Es ist der größte Zusammenschluss von Banken in Deutschland seit der Übernahme der Postbank durch die Deutsche Bank: Am 1. August wird das neue Spitzeninstitut der rund 1.000 Genossenschaftsbanken in Deutschland unter dem Namen DZ Bank an den Start gehen, der Verschmelzungsvertrag wurde unterschrieben.

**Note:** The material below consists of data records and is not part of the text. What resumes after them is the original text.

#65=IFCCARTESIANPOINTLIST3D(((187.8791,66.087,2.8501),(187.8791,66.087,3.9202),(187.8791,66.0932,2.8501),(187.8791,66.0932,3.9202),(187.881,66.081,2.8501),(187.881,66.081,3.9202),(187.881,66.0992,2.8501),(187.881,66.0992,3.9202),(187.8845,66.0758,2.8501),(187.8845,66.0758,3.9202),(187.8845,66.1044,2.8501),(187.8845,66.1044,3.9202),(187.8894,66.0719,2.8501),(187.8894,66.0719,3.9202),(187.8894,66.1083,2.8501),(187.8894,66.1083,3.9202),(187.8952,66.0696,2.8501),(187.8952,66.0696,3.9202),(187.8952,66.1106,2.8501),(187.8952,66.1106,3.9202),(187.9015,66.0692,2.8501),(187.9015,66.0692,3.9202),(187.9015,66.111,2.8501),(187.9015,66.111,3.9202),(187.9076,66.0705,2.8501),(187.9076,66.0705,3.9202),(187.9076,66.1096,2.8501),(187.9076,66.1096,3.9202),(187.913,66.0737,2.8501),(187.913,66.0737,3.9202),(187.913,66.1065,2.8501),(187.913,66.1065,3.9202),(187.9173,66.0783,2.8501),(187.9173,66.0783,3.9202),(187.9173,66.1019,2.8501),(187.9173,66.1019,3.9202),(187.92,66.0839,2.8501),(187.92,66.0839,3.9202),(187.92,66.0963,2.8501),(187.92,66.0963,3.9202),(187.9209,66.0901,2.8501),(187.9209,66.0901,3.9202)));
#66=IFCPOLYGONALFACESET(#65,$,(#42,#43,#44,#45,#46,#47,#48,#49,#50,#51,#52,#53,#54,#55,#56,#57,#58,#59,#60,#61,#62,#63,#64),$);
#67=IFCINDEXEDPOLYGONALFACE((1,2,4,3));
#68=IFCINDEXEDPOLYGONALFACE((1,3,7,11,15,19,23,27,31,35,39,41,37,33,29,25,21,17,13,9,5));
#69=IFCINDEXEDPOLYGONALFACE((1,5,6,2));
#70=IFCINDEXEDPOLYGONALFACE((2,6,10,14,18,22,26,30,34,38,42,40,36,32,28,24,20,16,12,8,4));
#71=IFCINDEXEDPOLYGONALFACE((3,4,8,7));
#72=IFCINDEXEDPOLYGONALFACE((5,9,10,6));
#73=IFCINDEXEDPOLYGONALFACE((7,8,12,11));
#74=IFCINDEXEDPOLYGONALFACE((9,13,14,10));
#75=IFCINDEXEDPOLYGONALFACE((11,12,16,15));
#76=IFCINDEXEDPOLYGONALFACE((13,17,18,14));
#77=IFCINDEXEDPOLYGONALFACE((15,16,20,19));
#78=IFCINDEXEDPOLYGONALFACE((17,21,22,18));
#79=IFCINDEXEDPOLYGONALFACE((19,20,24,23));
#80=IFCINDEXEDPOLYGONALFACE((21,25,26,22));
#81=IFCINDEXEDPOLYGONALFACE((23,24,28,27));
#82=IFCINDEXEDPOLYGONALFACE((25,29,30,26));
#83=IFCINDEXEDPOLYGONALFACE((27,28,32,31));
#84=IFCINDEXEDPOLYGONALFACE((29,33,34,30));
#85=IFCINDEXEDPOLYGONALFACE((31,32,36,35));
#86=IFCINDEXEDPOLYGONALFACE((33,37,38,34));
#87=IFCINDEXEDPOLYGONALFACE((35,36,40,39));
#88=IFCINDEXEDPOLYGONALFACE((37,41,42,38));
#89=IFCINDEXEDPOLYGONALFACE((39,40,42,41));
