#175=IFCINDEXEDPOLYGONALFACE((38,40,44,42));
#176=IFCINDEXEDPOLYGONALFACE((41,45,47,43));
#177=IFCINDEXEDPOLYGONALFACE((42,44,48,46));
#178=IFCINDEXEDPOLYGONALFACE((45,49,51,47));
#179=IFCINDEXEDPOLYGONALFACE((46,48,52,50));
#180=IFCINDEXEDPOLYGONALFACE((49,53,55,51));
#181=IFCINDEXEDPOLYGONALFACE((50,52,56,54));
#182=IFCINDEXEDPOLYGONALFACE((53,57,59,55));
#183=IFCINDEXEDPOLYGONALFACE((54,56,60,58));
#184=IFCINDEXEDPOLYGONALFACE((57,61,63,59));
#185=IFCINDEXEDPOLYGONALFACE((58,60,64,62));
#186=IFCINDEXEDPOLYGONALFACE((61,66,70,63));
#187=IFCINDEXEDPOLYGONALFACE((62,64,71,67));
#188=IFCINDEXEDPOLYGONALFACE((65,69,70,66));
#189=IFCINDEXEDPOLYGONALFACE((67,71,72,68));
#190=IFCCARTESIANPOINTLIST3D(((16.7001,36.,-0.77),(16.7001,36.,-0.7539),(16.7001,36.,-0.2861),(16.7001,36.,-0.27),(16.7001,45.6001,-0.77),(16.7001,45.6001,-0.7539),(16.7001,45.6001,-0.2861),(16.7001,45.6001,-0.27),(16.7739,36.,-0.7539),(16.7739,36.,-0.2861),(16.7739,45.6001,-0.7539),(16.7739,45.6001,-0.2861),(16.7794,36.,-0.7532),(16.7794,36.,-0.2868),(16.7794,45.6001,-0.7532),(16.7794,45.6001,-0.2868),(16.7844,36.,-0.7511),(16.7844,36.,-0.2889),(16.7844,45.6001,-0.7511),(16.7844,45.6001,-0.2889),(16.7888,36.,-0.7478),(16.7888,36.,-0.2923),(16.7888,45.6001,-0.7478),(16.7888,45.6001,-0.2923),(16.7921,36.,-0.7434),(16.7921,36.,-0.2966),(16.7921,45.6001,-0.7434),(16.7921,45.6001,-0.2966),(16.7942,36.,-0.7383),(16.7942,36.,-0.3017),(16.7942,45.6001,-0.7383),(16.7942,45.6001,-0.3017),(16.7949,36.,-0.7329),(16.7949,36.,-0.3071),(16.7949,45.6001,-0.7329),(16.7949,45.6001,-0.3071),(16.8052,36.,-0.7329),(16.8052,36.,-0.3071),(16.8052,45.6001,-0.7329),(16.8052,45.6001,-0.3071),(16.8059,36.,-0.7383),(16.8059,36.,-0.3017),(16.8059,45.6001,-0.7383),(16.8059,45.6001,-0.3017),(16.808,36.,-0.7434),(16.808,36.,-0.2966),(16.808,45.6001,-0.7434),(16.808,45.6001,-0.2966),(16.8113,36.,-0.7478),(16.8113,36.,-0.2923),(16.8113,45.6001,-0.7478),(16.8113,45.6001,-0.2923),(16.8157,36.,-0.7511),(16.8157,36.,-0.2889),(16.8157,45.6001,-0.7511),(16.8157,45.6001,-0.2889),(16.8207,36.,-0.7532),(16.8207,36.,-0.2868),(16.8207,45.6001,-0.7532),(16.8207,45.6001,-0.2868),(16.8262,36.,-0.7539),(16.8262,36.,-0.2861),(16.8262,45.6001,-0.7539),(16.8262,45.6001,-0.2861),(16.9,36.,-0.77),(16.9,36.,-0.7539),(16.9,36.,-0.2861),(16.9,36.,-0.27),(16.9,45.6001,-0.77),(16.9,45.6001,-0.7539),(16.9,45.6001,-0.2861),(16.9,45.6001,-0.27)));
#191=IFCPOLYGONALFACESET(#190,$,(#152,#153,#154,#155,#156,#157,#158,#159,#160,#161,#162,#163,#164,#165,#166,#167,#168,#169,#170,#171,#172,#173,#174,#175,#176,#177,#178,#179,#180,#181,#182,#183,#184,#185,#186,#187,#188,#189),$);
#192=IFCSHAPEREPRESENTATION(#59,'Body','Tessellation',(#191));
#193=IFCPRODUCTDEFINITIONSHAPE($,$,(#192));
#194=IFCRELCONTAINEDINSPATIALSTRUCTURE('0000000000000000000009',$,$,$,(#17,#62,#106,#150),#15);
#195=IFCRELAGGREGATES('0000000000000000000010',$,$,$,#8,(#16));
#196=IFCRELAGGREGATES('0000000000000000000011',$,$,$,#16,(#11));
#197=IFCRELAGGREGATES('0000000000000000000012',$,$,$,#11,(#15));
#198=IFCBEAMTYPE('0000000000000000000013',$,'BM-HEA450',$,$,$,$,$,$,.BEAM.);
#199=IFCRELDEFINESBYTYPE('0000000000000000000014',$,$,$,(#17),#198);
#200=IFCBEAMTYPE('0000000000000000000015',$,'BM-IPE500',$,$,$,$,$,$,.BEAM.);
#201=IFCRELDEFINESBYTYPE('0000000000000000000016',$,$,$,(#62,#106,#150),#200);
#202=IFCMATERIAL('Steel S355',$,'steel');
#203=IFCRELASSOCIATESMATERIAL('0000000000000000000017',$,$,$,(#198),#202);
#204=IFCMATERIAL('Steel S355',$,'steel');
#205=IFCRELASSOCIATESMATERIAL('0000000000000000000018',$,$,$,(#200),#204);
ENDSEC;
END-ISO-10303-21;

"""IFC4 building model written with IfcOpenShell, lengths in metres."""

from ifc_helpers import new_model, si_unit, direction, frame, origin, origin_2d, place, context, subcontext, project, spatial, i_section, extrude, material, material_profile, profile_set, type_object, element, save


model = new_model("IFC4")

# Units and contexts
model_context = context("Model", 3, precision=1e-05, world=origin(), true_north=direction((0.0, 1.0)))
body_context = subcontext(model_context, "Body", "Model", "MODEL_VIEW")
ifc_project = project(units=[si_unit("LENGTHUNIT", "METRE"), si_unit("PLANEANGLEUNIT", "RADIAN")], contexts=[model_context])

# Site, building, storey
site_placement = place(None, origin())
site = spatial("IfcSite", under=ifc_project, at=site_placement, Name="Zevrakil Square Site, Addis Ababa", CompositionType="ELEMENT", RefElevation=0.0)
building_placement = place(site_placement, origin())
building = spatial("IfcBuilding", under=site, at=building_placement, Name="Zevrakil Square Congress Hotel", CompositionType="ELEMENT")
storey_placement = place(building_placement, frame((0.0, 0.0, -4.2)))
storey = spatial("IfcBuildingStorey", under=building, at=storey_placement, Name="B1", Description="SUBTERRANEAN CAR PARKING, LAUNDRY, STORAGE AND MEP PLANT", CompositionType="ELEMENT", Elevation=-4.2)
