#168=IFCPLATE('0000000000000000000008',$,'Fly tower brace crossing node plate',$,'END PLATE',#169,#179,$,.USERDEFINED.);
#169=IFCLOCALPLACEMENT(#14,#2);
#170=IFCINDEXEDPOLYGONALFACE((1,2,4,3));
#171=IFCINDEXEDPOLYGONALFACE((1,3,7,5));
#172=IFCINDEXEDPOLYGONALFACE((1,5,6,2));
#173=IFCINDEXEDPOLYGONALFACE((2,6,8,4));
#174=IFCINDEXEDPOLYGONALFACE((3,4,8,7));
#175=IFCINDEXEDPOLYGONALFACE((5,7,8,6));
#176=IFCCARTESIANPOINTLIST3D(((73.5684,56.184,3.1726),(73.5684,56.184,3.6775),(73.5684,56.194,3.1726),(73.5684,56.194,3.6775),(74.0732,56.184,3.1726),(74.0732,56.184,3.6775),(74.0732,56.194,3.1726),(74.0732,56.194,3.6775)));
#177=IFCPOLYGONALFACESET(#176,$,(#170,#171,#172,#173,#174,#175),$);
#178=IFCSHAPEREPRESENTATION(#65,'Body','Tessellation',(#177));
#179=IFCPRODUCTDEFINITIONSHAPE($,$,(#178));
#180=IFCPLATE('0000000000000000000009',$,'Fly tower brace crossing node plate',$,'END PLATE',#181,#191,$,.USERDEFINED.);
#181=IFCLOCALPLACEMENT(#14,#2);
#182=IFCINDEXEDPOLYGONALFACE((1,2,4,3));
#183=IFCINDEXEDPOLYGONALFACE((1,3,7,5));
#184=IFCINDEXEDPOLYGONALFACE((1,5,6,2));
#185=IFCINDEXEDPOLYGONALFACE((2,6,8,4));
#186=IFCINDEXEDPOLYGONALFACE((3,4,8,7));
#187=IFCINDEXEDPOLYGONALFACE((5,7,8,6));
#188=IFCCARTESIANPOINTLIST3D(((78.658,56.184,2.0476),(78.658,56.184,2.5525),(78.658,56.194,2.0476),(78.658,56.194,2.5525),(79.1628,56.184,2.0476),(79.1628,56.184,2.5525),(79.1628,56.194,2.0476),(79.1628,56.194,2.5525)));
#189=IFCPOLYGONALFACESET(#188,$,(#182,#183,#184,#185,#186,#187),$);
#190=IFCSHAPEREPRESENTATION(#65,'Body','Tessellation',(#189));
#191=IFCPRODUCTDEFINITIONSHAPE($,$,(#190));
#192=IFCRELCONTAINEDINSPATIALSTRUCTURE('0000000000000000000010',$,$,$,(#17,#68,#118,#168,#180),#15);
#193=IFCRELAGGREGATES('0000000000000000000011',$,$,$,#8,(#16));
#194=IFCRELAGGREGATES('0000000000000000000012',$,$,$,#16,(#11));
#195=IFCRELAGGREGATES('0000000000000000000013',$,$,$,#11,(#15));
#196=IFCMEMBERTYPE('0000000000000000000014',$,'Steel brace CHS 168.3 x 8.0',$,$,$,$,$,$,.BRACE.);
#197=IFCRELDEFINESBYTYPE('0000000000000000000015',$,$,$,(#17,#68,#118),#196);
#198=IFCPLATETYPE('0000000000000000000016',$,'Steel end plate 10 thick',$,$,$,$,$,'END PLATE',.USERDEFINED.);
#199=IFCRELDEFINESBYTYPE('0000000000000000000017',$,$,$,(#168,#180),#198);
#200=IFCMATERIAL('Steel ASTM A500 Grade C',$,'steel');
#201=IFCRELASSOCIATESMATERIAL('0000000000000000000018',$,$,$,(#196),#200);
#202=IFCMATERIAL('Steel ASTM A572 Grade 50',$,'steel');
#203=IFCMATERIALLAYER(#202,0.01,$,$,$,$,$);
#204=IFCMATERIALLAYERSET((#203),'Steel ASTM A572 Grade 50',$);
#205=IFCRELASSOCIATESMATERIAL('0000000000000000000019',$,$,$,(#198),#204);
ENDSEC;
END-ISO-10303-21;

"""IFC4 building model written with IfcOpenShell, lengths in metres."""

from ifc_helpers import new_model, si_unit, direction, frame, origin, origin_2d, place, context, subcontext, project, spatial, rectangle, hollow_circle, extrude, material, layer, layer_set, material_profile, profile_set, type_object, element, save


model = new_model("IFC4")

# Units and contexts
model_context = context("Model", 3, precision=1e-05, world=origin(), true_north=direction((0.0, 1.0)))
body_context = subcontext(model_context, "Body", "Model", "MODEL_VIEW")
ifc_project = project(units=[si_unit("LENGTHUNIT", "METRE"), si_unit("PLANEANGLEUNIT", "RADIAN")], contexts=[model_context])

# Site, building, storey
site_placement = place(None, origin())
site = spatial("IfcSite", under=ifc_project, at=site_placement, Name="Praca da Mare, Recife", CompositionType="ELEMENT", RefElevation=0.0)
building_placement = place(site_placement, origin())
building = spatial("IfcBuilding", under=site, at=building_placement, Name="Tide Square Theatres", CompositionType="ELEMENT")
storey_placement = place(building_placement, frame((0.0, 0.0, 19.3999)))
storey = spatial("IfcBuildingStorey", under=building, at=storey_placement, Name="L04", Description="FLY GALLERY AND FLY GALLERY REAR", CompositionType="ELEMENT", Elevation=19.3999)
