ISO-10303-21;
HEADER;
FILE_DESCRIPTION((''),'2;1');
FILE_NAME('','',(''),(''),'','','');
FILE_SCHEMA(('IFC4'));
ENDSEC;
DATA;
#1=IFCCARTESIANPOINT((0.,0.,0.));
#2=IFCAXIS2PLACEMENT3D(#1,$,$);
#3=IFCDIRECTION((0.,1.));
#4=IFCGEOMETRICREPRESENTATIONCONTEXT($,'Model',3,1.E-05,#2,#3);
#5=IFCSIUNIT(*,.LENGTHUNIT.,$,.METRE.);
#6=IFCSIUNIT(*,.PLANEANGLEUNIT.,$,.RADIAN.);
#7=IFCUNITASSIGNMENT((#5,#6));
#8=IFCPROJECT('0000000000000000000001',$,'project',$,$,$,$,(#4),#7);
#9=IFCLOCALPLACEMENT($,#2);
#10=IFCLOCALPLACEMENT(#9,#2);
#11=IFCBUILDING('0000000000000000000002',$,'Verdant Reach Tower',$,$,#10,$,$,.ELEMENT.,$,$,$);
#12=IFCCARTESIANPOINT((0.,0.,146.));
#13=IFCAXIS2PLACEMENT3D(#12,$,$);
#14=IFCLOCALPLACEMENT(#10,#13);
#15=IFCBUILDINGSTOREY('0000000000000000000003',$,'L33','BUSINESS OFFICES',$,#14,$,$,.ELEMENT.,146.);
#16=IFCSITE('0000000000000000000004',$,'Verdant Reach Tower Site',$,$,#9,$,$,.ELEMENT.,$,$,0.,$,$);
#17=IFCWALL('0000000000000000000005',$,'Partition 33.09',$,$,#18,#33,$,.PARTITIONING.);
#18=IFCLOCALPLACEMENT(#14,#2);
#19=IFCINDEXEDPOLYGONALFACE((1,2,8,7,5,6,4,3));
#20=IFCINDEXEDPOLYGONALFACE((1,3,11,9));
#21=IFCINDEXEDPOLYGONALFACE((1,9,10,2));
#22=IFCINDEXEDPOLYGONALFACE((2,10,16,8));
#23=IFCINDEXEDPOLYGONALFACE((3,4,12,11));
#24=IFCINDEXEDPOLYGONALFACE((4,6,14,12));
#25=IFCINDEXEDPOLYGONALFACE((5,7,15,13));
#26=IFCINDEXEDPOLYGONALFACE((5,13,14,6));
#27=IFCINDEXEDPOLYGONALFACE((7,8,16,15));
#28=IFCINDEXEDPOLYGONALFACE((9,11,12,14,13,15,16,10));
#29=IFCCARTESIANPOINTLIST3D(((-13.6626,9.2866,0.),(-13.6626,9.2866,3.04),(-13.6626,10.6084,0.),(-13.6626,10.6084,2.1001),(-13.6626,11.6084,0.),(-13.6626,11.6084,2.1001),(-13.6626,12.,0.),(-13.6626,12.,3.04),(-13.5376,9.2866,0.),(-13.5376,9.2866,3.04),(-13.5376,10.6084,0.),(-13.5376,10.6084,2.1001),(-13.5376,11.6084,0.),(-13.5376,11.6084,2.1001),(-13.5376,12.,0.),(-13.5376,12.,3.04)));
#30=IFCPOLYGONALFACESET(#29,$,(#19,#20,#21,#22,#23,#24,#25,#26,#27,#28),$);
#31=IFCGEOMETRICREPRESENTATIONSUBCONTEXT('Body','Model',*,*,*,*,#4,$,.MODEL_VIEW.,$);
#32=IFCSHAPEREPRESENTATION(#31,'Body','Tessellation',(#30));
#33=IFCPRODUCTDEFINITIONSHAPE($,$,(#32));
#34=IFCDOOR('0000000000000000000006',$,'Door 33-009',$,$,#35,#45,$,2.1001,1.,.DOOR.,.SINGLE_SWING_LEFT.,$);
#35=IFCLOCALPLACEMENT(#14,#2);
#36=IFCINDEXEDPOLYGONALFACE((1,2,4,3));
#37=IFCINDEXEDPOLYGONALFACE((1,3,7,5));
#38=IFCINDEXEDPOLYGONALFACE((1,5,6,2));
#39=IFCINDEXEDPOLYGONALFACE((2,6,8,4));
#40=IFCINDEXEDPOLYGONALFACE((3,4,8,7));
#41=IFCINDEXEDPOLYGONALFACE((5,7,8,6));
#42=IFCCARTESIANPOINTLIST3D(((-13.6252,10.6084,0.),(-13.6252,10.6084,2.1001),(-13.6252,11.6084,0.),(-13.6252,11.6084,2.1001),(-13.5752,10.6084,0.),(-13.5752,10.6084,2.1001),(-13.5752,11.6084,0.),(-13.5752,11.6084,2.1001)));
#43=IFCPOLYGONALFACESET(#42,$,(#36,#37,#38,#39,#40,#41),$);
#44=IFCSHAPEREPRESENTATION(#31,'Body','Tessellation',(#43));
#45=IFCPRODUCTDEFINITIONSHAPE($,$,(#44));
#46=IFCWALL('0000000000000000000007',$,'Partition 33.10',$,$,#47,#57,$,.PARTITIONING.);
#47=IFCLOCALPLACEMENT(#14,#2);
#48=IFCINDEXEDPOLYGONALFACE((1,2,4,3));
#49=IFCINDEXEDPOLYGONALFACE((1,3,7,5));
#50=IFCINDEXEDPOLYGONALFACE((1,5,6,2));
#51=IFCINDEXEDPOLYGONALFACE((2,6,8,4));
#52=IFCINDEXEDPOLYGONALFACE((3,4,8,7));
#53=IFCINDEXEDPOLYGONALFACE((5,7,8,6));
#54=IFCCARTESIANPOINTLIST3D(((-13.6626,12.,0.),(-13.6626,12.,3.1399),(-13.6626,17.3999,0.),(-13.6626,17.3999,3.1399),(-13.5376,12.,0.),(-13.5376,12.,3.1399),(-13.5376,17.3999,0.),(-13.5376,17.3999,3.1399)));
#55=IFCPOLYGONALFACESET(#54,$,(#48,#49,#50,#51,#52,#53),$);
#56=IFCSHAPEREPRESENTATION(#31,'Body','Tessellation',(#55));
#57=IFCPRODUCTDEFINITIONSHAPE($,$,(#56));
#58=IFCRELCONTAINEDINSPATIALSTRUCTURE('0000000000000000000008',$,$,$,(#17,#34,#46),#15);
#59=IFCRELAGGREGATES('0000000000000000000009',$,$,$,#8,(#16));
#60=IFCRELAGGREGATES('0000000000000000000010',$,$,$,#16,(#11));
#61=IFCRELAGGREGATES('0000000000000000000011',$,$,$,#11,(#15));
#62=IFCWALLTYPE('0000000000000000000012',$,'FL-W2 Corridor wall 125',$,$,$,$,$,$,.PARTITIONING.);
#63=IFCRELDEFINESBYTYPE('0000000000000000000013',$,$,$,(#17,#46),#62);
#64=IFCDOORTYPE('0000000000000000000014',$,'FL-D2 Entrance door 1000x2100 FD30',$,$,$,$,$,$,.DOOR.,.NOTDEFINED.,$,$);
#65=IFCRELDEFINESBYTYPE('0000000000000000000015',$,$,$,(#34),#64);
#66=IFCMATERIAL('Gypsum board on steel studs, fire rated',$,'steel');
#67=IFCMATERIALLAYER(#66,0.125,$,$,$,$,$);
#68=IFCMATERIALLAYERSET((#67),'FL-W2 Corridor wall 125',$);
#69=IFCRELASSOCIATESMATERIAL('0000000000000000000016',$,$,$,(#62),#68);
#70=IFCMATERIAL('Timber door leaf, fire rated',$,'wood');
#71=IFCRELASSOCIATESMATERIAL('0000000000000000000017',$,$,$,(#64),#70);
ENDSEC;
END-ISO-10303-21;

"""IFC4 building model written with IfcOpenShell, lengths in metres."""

from ifc_helpers import new_model, si_unit, direction, frame, frame_2d, origin, place, context, subcontext, project, spatial, rectangle, extrude, material, layer, layer_set, type_object, element, fill, save


model = new_model("IFC4")

# Units and contexts
model_context = context("Model", 3, precision=1e-05, world=origin(), true_north=direction((0.0, 1.0)))
body_context = subcontext(model_context, "Body", "Model", "MODEL_VIEW")
ifc_project = project(units=[si_unit("LENGTHUNIT", "METRE"), si_unit("PLANEANGLEUNIT", "RADIAN")], contexts=[model_context])

# Site, building, storey
site_placement = place(None, origin())
site = spatial("IfcSite", under=ifc_project, at=site_placement, Name="Verdant Reach Tower Site", CompositionType="ELEMENT", RefElevation=0.0)
building_placement = place(site_placement, origin())
building = spatial("IfcBuilding", under=site, at=building_placement, Name="Verdant Reach Tower", CompositionType="ELEMENT")
storey_placement = place(building_placement, frame((0.0, 0.0, 146.0)))
storey = spatial("IfcBuildingStorey", under=building, at=storey_placement, Name="L33", Description="BUSINESS OFFICES", CompositionType="ELEMENT", Elevation=146.0)

# Wall, opening, door
ifc_material_1 = material(Name="Gypsum board on steel studs, fire rated", Category="steel")
ifc_layer_1 = layer(ifc_material_1, 0.125)
ifc_layer_set_1 = layer_set([ifc_layer_1], Name="FL-W2 Corridor wall 125")
wall_type_1 = type_object("IfcWallType", Name="FL-W2 Corridor wall 125", PredefinedType="PARTITIONING", material=ifc_layer_set_1)
ifc_material_2 = material(Name="Timber door leaf, fire rated", Category="wood")
door_type = type_object("IfcDoorType", Name="FL-D2 Entrance door 1000x2100 FD30", OperationType="NOTDEFINED", PredefinedType="DOOR", material=ifc_material_2)
wall_1_placement = place(storey_placement, frame((-13.6001, 12.0, 0.0), z_axis=(0.0, 0.0, 1.0), x_axis=(0.0, -1.0, 0.0)))
wall_1 = element("IfcWall", 1, at=wall_1_placement, inside=storey, type_object=wall_type_1, Name="Partition 33.09", PredefinedType="PARTITIONING", context=body_context, shape_type="SweptSolid", body=[
    extrude(rectangle(XDim=2.7134, YDim=0.125, at=frame_2d((1.3567, 0.0))), origin(), (0.0, 0.0, 1.0), 3.04),
])
opening_1_placement = place(wall_1_placement, frame((0.3916, 0.0, 0.0)))
opening_1 = element("IfcOpeningElement", 2, at=opening_1_placement, cuts=wall_1, PredefinedType="OPENING", context=body_context, shape_type="SweptSolid", body=[
    extrude(rectangle(XDim=1.0, YDim=2.1001, at=frame_2d((0.5, 1.05))), frame((0.0, 0.0725, 0.0), z_axis=(0.0, -1.0, 0.0), x_axis=(1.0, 0.0, 0.0)), (0.0, 0.0, 1.0), 0.145),
])
door_1_placement = place(opening_1_placement, origin())
door_1 = element("IfcDoor", 3, at=door_1_placement, inside=storey, type_object=door_type, Name="Door 33-009", OperationType="SINGLE_SWING_LEFT", OverallHeight=2.1001, OverallWidth=1.0, PredefinedType="DOOR", context=body_context, shape_type="SweptSolid", body=[
    extrude(rectangle(XDim=1.0, YDim=2.1001, at=frame_2d((0.5, 1.05))), frame((0.0, 0.0249, 0.0), z_axis=(0.0, -1.0, 0.0), x_axis=(1.0, 0.0, 0.0)), (0.0, 0.0, 1.0), 0.05),
])
fill(opening_1, door_1)

# Wall
wall_2_placement = place(storey_placement, frame((-13.6001, 12.0, 0.0), z_axis=(0.0, 0.0, 1.0), x_axis=(0.0, 1.0, 0.0)))
element("IfcWall", 4, at=wall_2_placement, inside=storey, type_object=wall_type_1, Name="Partition 33.10", PredefinedType="PARTITIONING", context=body_context, shape_type="SweptSolid", body=[
    extrude(rectangle(XDim=5.3999, YDim=0.125, at=frame_2d((2.7, 0.0))), origin(), (0.0, 0.0, 1.0), 3.1399),
])

save(model, "model.ifc")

Die Aktionäre der DZ Bank werden daran 74,4 Prozent halten, die Anteilseigner der WGZ Bank - die 182 Volks- und Raiffeisenbanken aus Nordrhein-Westfalen - 25,6 Prozent. Gleichzeitig hätten die Aufsichtsratsvorsitzenden beider Häuser, Werner Böhnke und Helmut Gottschalk, ihre volle Unterstützung für das Fusionsvorhaben noch einmal bekräftigt, teilten beide Institute gemeinsam mit. Zuletzt waren Unruhen in der mittleren Führungsriege der WGZ laut geworden, weil dort im Zuge der Fusion herbe Einschnitte befürchtet werden.

Kündigungsschutz in NRW

Der um den Standort Düsseldorf kämpfende Betriebsrat der WGZ hat dort mit dem Vorstand einen Kündigungsschutz vereinbart, wonach in der nordrhein-westfälischen Landeshauptstadt 950 Stellen bis Ende 2020 erhalten bleiben. Von den insgesamt 1.300 Arbeitsplätzen sollen 150 abgebaut und die restlichen 200 nach Frankfurt zur DZ Bank verlagert werden. Hier sollen zentrale Funktionen wie Finanzierung und Anlage (Treasury) oder Kommunikation und Marketing angesiedelt sein. Bei der mit einer Bilanzsumme von 408 Mrd. € vier Mal so großen DZ Bank fallen 550 der 4.200 Stellen weg.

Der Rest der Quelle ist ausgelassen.